Businesses complain of delays at West Coast ports

Jim Camden, January 15, 2015, Spokesman Review

Shipping delays at West Coast ports are hurting a wide range of Washington businesses, a pair of Senate committees was told Wednesday.


Apples aren’t getting to Asia for the Chinese New Year and are being dumped in central Washington canyons. A Seattle snowshoe maker couldn’t ship its products out for Christmas sales. Exports of Washington milk products are losing out to New Zealand.


The blame was laid on a wide array of problems, including inadequate roads and railways, slow development of new terminals, shortages of storage and equipment, and a labor dispute between the longshoremen unions and shippers.


What the Legislature can do about those problems in the short term, however, appears limited.


The Republicans on the two committees – Commerce and Labor and Trade and Economic Development – hoped to highlight the ongoing labor dispute that has resulted in a slowdown in the largest ports between Seattle and Los Angeles, and to come up with possible solutions. That was difficult because the Pacific Maritime Association, the management side of the dispute, canceled Tuesday night on its previous commitment to attend the hearing.


A spokesman for the association in San Francisco said he could find no record of the organization getting a formal invitation to the hearing. “Our priority remains on the ongoing negotiations currently underway in San Francisco,” Wade Gates said.


But Commerce and Labor Chairman Mike Baumgartner, R-Spokane, said the maritime association definitely got an invitation and showed email communications he had with the association’s lobbyist canceling their appearance.


Representatives of the longshoremen unions, who did appear, laid blame on management, saying hours for workers have been cut and the ports are so crowded that trucks are backed up.


Dan McKisson, a representative of the Puget Sound Council of the union, said the main problem is congestion.


“It’s like you’ve got a five gallon bucket and you’re trying to put in 10 gallons of manure… You’re going to have a mess,” he said. “When we were working full shifts, there wasn’t a mess.”


Mark Spears of Chelan Fruit Marketing said apple growers are seeing the effects of that mess. The state had a record apple crop, and November through January is the height of their sales season because apples are popular in China for that country’s new year celebration. Some shippers are only able to move half their normal amounts or are facing nearly double the time to get a perishable product to market.
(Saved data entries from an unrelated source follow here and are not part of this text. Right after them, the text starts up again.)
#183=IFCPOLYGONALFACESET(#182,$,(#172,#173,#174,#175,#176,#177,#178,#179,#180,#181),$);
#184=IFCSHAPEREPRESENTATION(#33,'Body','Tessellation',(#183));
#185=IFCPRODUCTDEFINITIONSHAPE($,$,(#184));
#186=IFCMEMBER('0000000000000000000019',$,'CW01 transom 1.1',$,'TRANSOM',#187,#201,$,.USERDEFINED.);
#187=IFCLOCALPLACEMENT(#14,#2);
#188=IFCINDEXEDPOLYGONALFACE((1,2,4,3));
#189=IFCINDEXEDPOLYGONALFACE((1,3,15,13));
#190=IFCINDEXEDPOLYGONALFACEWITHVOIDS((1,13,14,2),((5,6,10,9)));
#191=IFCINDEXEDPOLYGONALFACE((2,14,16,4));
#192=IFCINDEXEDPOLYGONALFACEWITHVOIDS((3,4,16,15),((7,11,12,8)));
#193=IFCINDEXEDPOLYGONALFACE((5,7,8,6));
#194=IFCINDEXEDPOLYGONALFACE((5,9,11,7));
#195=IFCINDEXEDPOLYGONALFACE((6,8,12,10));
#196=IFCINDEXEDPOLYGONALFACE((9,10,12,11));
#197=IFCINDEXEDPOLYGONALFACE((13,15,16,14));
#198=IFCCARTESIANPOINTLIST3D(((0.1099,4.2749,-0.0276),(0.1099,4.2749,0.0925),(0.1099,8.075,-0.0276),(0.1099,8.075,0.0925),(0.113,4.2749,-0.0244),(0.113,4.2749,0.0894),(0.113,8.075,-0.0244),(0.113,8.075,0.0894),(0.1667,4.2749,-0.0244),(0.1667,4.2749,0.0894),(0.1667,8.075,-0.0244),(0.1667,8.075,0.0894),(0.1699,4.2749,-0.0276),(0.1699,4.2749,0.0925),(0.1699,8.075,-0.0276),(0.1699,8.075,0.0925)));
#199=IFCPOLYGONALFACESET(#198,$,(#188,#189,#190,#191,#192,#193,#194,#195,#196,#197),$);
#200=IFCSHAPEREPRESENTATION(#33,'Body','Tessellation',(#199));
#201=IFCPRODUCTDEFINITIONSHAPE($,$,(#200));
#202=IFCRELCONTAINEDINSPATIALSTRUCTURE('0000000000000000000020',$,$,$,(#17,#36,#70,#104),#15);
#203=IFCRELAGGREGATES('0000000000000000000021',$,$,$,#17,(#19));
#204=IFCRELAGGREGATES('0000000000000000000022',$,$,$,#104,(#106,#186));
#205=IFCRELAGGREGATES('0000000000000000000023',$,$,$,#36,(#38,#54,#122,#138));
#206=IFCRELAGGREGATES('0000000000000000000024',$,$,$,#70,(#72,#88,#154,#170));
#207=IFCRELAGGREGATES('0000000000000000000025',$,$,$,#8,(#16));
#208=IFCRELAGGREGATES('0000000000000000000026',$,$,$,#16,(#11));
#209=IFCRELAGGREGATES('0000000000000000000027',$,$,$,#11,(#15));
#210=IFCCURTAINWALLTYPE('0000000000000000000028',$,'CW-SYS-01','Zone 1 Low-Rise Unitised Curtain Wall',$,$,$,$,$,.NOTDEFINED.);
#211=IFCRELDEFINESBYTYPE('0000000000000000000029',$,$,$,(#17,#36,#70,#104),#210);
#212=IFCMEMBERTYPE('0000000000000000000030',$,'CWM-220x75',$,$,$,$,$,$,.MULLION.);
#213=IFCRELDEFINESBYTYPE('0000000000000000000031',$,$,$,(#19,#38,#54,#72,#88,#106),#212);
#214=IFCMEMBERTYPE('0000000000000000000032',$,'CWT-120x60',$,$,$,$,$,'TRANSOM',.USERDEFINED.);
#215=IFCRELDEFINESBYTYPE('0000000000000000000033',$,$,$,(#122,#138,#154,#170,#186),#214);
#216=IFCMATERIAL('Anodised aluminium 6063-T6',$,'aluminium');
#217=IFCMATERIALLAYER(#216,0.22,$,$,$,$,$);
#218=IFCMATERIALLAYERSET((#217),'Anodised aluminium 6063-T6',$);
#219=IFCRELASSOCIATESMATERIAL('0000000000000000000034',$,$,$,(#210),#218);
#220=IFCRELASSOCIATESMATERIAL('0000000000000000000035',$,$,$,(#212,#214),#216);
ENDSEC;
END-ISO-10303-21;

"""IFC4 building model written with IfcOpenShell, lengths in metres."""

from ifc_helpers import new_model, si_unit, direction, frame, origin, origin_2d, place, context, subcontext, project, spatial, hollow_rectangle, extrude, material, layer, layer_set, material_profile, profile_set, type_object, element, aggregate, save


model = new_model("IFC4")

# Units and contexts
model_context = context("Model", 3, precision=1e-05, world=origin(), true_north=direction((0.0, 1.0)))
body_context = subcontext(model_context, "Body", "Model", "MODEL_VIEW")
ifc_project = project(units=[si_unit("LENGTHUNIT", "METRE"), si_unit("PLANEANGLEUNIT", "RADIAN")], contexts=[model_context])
“The clock is ticking on shelf life,” Spears said. Some farmers are diverting Red Delicious apples to processors or dumping them in canyons.


David Burroughs of Cascade Designs said his Seattle-based company couldn’t get parts in from Ireland for its new snowshoe design and couldn’t get the finished products out to foreign markets or to the East Coast in time for Christmas sales.


Democrats on the committee focused on other problems causing delays, such as a possible shortage of rail cars because of oil and coal shipments, and a shortage of chassis for truckers to haul containers that come off the ships. When Jeff Calaway of Calaway Trading said he was told one day the ports were closed because of a slowdown by the unions, Sen. Bob Hasegawa, D-Seattle, objected to blaming one side of the issue.


Representatives of the ports of Seattle and Tacoma and the Council on International Trade seemed reluctant to weigh in on the labor dispute, which is before a federal mediator. Instead they talked about the importance of trade to the state, improvements their facilities have made and big projects the Legislature should consider, such as major improvements of highways leading into the ports to improve traffic.


Baumgartner kept trying to steer witnesses back to possible action the state could take to address effects of the labor dispute, with limited success.


“I want to emphasize that the primary thing the state of Washington can do to help us is on the capital investment side,” Eric Johnson of the Public Ports Association said.


“Yeah, we get that,” Baumgartner broke in. “This is not an opportunity for everybody to stand up and talk about the transportation package.”


Baumgartner, who called for the hearing, later said the session was made difficult by a law that forbids state officials from taking sides in a labor dispute. But the Legislature will have to watch problems at the ports closely because continued reductions in shipping could reduce state tax revenue, which will make tough budget decisions even tougher, he said.